As for El-Errian’s assertion that the Muslim Brotherhood would draw “on universal measures of freedom and justice,”  has El-Errian read his Muslim Brotherhood’s website concerning its view of intellectual freedom? Here is what it said:
intellectual freedom can’t be cited in matters related to beliefs
How does El-Errian reconcile his assertion that “universal measures of freedom and justice” are “central Islamic values” with the statement by the spiritual leader of the Muslim Brotherhood,  Sheikh Yusuf al-Qaradawi , that apostates (Muslims who decide to leave their faith) and married adulterers and adulteresses are subject to punishment – often the death penalty – under sharia law?

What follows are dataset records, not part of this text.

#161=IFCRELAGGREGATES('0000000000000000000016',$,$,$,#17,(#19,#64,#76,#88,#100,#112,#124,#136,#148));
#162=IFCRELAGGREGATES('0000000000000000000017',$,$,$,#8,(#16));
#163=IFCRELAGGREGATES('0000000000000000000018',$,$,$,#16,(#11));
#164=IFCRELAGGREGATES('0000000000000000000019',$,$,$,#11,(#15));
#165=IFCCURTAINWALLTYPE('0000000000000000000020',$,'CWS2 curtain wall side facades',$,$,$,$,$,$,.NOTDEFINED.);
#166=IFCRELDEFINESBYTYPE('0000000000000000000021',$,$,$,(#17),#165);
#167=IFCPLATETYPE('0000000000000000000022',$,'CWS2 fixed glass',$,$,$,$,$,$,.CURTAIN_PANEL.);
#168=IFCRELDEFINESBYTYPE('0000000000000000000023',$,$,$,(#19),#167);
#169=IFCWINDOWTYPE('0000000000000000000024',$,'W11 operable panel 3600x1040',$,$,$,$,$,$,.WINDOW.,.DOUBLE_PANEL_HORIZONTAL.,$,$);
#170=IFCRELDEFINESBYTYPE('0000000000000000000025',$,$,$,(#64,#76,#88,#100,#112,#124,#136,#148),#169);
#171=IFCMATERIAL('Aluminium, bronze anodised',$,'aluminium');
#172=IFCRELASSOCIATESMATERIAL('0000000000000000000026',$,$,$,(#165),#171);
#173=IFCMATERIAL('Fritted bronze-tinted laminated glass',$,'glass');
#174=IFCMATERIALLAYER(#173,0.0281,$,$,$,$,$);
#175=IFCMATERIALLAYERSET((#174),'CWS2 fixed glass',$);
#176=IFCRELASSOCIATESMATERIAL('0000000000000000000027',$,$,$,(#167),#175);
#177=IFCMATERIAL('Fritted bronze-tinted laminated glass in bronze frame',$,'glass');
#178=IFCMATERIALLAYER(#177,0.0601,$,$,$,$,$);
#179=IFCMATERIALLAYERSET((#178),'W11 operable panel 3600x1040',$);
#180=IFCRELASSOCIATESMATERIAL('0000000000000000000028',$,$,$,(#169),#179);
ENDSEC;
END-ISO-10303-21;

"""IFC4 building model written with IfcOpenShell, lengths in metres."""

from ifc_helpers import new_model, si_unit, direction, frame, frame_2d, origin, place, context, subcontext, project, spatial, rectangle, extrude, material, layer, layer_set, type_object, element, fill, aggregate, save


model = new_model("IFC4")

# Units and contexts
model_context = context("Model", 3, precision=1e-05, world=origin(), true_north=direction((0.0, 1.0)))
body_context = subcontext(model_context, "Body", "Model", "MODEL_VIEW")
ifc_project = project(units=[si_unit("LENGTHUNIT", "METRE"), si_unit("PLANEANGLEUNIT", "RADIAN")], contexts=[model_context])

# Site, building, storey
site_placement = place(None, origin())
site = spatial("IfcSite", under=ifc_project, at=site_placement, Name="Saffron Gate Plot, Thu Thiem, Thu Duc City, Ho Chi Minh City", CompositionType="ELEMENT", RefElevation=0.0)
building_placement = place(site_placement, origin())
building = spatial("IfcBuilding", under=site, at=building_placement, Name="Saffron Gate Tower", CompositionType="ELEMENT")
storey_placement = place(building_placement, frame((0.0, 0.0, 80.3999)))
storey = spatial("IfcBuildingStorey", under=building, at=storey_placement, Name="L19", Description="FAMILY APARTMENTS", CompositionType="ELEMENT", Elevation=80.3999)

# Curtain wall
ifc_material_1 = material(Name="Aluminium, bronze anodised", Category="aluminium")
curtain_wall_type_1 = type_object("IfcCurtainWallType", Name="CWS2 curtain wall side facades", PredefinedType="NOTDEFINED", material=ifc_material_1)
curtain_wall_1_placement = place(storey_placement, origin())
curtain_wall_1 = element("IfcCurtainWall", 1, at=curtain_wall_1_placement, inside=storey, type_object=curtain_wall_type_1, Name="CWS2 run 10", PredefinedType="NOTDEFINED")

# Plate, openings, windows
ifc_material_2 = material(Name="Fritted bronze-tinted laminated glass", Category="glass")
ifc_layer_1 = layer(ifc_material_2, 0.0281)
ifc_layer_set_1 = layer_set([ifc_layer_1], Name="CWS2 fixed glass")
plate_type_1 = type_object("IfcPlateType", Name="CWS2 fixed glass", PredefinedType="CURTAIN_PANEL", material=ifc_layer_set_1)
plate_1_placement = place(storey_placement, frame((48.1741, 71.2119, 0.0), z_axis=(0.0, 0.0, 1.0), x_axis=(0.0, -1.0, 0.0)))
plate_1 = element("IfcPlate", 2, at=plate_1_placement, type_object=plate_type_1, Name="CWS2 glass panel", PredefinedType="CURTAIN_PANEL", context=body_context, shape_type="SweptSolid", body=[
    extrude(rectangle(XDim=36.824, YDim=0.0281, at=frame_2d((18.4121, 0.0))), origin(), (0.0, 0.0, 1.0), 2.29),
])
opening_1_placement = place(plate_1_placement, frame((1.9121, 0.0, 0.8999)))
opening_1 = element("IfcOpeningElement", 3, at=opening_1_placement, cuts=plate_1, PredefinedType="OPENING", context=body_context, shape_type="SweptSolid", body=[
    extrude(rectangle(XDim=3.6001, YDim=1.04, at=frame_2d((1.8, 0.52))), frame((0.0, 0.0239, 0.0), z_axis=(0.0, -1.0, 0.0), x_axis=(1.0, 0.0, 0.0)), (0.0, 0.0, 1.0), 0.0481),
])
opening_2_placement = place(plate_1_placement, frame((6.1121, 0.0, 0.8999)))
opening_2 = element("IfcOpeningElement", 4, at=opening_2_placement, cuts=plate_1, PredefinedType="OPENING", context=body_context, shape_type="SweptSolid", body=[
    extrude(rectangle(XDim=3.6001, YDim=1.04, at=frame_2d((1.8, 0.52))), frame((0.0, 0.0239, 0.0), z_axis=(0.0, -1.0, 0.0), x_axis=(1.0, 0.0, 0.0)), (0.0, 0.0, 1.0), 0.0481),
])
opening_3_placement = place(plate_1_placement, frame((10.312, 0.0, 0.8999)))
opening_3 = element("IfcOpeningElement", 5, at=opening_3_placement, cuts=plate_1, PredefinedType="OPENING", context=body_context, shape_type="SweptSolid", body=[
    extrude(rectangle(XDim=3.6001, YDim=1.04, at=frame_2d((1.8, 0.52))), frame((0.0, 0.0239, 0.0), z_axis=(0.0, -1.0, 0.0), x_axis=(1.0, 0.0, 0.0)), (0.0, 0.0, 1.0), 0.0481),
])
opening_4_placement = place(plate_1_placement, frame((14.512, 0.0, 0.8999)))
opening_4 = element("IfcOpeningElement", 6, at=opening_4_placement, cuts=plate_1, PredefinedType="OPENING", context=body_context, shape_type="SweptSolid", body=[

I can go on and on. But suffice it to say that the Muslim Brotherhood is not what its “lone ‘reformer’” says it is or what the left-leaning opinion-makers in the West would like us to believe it is. Stripped of its slick ’moderate’ facade, the Muslim Brotherhood is a terrorist-sponsoring, Islamist supremacist, misogynist enemy of  individual freedoms, self-government and equality of all under the law.
Joseph Klein is the author of a recent book entitled Lethal Engagement: Barack Hussein Obama, the United Nations and Radical Islam.